In October 2024 FDA declared that the tirzepatide injection shortage was resolved. After a brief reconsideration — and a related court challenge — FDA confirmed the resolved status on December 19, 2024. Eighteen months later, the practical compounded-tirzepatide landscape is substantially different. Routine compounded tirzepatide is no longer broadly available through 503B outsourcing facilities. State-licensed 503A compounding remains constrained by FDA’s policy on essentially copied versions of commercially available products. And FDA proposed, on April 30, 2026, to formally exclude semaglutide, tirzepatide, and liraglutide from the 503B bulks list — a determination still pending public comment.

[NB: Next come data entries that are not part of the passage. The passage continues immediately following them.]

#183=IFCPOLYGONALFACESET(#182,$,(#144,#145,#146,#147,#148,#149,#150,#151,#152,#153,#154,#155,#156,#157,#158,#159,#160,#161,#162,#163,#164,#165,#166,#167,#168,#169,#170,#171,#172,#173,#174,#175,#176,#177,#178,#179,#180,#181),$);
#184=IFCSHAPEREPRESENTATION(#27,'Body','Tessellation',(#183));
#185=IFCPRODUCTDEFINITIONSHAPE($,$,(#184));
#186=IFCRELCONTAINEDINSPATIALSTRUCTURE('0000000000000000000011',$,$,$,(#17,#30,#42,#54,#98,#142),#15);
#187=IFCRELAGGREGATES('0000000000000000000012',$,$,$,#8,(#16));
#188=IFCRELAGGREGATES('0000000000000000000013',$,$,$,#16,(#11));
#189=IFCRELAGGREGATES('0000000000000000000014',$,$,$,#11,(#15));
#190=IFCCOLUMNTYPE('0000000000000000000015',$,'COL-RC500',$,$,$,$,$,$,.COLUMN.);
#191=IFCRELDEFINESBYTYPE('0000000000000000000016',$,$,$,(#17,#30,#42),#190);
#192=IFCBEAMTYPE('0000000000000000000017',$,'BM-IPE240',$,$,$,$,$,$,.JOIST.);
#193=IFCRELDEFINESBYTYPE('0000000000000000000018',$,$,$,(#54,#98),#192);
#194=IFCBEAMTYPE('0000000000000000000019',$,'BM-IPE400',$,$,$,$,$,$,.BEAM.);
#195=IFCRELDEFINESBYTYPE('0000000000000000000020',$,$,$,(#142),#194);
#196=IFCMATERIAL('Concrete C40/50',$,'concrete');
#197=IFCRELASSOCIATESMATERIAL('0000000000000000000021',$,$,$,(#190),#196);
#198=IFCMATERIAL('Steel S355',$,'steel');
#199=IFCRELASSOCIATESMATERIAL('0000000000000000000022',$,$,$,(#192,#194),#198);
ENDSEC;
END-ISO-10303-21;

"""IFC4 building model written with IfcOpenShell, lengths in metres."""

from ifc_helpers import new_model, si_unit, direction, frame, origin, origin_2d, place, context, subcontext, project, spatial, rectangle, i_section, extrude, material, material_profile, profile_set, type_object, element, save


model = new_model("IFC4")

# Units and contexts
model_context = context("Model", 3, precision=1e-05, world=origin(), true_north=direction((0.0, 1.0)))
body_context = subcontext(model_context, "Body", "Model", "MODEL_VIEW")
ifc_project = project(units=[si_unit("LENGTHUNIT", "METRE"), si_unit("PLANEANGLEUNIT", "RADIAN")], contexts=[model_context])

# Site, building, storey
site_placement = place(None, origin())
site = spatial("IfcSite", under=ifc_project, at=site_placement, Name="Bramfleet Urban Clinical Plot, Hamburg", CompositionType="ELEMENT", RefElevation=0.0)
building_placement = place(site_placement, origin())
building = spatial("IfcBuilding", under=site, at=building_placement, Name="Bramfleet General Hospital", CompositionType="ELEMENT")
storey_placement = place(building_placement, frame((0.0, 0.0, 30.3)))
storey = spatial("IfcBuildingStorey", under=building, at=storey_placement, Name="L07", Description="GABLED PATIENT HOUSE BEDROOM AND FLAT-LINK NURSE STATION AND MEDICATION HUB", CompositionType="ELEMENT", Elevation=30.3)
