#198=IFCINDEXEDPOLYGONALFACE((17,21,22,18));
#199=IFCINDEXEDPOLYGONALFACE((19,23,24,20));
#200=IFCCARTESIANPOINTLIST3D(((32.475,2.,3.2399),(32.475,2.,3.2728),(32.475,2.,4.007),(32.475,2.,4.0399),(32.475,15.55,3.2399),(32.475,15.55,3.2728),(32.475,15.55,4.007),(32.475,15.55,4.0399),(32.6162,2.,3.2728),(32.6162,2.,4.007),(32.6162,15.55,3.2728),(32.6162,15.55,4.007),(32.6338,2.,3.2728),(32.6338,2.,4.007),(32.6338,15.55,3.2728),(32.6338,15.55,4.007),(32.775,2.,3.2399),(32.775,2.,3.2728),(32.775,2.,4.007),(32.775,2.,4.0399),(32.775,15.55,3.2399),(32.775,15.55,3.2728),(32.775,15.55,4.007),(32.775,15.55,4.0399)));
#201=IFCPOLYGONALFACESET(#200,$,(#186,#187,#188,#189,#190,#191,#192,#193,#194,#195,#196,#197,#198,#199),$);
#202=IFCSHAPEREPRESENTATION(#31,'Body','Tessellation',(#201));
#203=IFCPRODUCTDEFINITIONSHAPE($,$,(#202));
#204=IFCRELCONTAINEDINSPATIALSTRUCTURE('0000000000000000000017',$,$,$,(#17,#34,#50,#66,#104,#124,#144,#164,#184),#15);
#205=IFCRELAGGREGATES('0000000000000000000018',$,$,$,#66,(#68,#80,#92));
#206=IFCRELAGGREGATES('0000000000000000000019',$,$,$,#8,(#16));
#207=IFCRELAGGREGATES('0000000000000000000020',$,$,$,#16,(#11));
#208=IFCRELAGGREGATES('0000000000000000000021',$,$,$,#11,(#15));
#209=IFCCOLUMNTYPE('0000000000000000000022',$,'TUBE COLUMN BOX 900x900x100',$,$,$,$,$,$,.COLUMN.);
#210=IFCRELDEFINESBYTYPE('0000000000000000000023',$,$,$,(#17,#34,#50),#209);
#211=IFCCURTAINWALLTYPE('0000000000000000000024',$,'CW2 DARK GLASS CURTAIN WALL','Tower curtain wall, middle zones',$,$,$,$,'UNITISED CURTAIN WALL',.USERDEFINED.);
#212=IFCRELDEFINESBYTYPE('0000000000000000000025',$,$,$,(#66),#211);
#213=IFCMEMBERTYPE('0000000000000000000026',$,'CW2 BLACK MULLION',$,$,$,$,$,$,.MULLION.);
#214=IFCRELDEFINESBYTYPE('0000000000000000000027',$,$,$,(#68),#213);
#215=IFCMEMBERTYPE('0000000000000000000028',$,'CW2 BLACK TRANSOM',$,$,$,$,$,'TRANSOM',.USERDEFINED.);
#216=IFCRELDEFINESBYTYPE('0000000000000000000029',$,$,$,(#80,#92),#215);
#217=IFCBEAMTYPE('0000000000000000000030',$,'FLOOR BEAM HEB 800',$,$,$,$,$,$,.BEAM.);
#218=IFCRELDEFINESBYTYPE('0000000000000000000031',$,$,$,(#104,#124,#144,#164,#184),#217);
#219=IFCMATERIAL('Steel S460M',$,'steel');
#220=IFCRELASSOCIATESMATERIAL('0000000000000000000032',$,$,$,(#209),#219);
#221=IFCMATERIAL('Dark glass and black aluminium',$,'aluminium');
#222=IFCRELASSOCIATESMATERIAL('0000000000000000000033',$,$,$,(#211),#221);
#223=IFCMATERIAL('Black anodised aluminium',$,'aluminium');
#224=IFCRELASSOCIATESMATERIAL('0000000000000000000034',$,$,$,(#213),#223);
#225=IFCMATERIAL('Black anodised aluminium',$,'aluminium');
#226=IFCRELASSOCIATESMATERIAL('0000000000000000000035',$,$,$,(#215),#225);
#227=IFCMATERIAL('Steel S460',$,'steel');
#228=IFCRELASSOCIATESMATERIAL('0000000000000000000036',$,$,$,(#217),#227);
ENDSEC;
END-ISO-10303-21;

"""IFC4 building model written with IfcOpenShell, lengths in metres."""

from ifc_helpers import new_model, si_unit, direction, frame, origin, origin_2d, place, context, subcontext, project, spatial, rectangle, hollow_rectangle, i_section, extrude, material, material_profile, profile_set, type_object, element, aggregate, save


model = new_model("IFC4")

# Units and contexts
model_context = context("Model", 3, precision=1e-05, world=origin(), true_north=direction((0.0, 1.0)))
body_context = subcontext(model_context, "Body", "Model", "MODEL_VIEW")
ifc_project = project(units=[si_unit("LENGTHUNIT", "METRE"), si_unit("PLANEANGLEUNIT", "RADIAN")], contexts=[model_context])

The shortage-list mechanism

When a drug appears on FDA’s drug shortage list, an enforcement discretion is opened: 503B outsourcing facilities can compound from bulk substances even when those substances are not on the 503B bulks list, subject to specific conditions. When the shortage resolves, the enforcement-discretion period closes. For tirzepatide, the 503B enforcement-discretion period ended March 19, 2025; 503A pharmacies and physicians had a separate enforcement-discretion endpoint earlier in the year.

This is not a ban on compounding tirzepatide. It is a return to the ordinary rule: a 503B facility may compound from a bulk substance only if the substance appears on the 503B bulks list or the compounded drug appears on the shortage list at the relevant time. Tirzepatide is on neither.

The “essentially a copy” rule for 503A

For 503A pharmacies, the question is different. FDA policy restricts compounding that is regularly or inordinately an essentially copied version of a commercially available drug. A compounded drug may be considered essentially a copy when it has the same active ingredient in the same, similar, or easily substitutable strength, intended for the same route of administration — unless a prescriber documents that a change produces a significant difference for an identified individual patient.

In practice this means that 503A pharmacies cannot routinely produce something that is functionally a generic Mounjaro or Zepbound. Where state-licensed compounding is still occurring, the documented clinical-difference standard is doing significant work, and the line between defensible and indefensible compounding gets walked prescription by prescription.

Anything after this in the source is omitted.